Агата улыбнулась, и взгляд у неё потеплел.
– Кроме прочего, Гас проходил мимо, когда ты защищал женщину от компании приятелей. Он задержался посмотреть, что будет дальше, и, по его словам, был потрясён, что ты вступился за нищенку перед товарищами и остался помочь ей, когда другие ушли.

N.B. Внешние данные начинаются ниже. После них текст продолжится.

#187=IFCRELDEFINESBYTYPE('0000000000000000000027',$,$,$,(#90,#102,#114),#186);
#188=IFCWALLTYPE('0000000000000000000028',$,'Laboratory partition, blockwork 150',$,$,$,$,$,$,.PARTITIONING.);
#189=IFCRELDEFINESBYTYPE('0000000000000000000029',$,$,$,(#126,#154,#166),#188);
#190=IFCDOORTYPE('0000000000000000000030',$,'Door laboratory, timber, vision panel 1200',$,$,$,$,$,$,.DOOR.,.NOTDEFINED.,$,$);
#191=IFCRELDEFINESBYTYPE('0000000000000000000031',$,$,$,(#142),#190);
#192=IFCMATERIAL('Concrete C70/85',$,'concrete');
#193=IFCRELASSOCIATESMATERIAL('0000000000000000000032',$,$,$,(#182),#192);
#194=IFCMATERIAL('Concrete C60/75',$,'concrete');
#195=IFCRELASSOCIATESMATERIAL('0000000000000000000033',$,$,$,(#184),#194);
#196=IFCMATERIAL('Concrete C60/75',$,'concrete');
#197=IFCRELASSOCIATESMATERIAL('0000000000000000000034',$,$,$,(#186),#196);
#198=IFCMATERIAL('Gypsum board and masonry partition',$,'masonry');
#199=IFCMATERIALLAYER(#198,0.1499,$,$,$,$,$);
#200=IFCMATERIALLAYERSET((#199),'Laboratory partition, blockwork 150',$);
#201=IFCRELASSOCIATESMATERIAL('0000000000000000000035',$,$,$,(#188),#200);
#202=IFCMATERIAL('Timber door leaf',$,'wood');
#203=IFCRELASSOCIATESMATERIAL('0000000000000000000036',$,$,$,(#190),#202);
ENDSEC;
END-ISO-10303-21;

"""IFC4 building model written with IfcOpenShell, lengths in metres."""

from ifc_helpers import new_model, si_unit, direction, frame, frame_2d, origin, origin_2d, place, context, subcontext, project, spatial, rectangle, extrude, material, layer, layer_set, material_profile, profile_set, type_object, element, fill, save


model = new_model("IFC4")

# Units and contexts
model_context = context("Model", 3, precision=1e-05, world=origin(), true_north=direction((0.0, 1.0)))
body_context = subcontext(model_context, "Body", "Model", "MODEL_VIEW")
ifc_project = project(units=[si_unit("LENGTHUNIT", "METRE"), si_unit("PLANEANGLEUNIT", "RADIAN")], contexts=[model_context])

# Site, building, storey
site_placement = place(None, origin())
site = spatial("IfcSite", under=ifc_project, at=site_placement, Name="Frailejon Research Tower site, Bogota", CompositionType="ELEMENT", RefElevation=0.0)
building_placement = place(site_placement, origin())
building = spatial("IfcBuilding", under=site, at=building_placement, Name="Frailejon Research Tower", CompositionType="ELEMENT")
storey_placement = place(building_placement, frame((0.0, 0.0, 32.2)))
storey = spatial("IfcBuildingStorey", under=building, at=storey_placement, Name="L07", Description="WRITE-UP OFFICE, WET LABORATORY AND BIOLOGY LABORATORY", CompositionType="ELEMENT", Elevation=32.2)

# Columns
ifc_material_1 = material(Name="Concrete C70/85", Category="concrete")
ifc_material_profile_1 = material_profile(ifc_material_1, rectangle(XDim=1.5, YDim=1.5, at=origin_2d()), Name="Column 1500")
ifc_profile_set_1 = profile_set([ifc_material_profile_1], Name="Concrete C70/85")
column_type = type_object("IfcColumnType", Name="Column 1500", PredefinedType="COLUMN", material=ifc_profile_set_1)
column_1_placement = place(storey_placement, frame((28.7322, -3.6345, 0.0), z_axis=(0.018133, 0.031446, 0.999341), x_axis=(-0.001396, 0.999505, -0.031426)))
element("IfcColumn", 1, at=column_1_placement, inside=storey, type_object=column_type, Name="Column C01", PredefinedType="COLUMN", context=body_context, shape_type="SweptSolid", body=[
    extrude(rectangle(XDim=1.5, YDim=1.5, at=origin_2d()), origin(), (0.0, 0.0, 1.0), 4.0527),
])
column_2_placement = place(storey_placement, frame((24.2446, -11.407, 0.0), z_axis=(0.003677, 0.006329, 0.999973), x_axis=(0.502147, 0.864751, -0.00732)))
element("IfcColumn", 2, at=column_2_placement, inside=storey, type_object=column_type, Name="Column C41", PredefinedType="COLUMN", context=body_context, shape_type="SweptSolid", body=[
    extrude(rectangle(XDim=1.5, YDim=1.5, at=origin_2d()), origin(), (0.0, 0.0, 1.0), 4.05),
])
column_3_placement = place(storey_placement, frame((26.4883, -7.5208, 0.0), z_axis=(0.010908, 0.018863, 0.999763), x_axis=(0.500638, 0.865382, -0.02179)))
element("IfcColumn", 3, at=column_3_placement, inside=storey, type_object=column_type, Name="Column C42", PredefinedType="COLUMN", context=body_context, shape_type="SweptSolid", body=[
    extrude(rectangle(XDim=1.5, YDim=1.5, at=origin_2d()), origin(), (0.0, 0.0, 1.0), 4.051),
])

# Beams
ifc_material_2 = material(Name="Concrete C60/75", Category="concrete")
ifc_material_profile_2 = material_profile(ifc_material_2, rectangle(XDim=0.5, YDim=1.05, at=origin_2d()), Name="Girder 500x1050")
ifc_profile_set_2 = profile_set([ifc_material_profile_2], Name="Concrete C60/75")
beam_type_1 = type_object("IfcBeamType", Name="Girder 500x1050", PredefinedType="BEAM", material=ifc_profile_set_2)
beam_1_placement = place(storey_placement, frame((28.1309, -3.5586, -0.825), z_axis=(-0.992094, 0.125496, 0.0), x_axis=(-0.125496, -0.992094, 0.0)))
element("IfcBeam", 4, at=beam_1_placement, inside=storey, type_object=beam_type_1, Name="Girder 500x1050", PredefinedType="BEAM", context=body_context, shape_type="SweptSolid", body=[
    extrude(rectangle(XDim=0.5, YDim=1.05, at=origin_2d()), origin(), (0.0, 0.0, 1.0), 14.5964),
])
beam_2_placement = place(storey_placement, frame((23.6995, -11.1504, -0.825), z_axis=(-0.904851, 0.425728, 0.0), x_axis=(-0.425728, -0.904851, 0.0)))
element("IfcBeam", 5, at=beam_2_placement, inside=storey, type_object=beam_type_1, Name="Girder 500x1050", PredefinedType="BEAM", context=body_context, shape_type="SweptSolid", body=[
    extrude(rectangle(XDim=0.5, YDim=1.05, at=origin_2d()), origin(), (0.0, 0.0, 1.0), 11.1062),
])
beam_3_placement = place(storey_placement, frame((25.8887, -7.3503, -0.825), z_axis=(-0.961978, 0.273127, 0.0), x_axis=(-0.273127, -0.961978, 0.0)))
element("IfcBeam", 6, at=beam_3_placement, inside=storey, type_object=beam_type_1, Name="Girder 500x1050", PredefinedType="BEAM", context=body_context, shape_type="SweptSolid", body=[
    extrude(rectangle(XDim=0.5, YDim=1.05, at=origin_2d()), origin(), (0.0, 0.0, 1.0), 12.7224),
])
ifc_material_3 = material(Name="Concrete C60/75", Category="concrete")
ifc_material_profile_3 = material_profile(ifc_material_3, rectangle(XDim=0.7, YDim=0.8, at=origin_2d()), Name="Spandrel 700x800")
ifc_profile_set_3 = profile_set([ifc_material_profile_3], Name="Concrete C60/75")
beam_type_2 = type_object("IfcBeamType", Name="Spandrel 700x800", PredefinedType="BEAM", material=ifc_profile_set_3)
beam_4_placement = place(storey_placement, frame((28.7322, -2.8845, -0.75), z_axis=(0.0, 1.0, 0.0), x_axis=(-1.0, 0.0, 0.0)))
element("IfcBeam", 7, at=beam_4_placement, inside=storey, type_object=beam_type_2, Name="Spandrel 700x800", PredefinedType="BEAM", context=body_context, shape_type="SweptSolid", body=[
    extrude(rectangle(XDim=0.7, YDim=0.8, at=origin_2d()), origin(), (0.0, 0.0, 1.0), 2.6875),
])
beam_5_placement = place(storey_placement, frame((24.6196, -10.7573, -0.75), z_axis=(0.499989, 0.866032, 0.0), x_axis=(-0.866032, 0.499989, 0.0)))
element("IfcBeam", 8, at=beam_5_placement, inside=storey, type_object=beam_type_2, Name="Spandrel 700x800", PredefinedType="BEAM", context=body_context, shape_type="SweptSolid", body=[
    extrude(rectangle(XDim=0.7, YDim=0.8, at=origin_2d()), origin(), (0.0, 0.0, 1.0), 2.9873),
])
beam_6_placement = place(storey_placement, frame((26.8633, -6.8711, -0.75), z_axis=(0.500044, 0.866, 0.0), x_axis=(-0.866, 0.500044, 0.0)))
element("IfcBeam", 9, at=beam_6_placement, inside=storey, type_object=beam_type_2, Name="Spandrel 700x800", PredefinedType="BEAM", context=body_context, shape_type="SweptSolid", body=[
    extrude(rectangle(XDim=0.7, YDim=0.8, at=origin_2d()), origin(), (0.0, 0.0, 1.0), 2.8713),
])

Гастон смахнул волосы со лба.
– Ничего себе! Я больше и шагу не могу ступить без свидетелей!
– Жаль тебя расстраивать, но это всегда было так. Слуги всё видят и всё знают.
Гастон замер, её слова смутно обеспокоили его. Если слугам известен каждый его шаг, не знают ли они о его отношениях с Агатой? И не потому ли против него созрел заговор?
– Но не исключено, что всё услышанное мной по поводу табакерки – одни домыслы, – со вздохом произнесла Агата. – У слуг мало развлечений, вот они и точат лясы.
Гастон кивнул. Возможно, она права. Он поскрипел зубами. А может, и нет.
– Ты не спросил меня про хорошую новость, – весело сказала Агата.
Гастон с усилием отвлёкся от своих мыслей и взглянул в освещённое надеждой лицо девушки.
– Хорошо, ты меня заинтриговала. Какая хорошая новость?
– Ты заслужил следующее преображение.
Гастон выпрямил спину:
– Что? Как?
– Тем, что пришёл на помощь несчастной женщине, хотя тебя отговаривали.
У Гастона вспыхнули щёки.
– Да ничего особенного. Я просто проводил её домой.
Агата потянулась к нему через стол и взяла его за руку, глаза у неё были цвета Средиземного моря – яркие, сине-зелёные.
– И, поскольку тебя смутила моя похвала, я вижу, что ты изменился.
Он помолчал. Смущение здесь ни при чём, он раскраснелся по другой причине. Гастон чувствовал в появлении нищенки что-то... очень странное. Весь их разговор, с той минуты когда он помог ей встать на ноги до того оценивающего взгляда, которым она одарила его напоследок, проносился у него в голове уже сотни раз. Он тщательно обдумывал каждую реплику и всё же не мог понять, что его настораживает. Но если его волшебница хочет видеть в нём смущённого одобрением девушки храбреца, не стоит её разубеждать.
Гастон погладил свою щёку и улыбнулся:
– К моему новому росту подошло бы более мужественное лицо, тебе не кажется?
Агата, глядя на него и хмуря лоб, наклонила голову сначала в одну сторону, потом в другую.
Гастон объяснил:
– У меня всё ещё детская физиономия. Я бы хотел иметь такие же острые скулы и квадратный подбородок, как у отца, и сильную челюсть и широкий лоб, как у Жоржа.
Свет в её глазах потускнел, морская волна потемнела, и Агата ответила:
– Я могу это сделать. Но нам нужно подождать, чтобы не навлекать ещё больше подозрений, тебе не кажется? Кстати говоря. – Она пожала ему пальцы. – Перестань выставлять напоказ свои изменения. Гвен и так уже догадывается о моей причастности к ним. Никто не должен знать о моих способностях, Гастон. Я не шучу. Иначе я тут же исчезну, ты не успеешь и глазом моргнуть.
Гастон потянулся к ней через стол, не обращая внимания на землю, которая пачкала рукав нового камзола, и взял другую руку Агаты. Он не может потерять её. Дело в том, что он ужасно привязался к ней и хотел выразить свою благодарность. Пора было привести свой план в действие.
Он сжал руки Агаты, заглянул ей в глаза и поклялся:
– Обещаю защищать твою тайну даже ценой собственной жизни.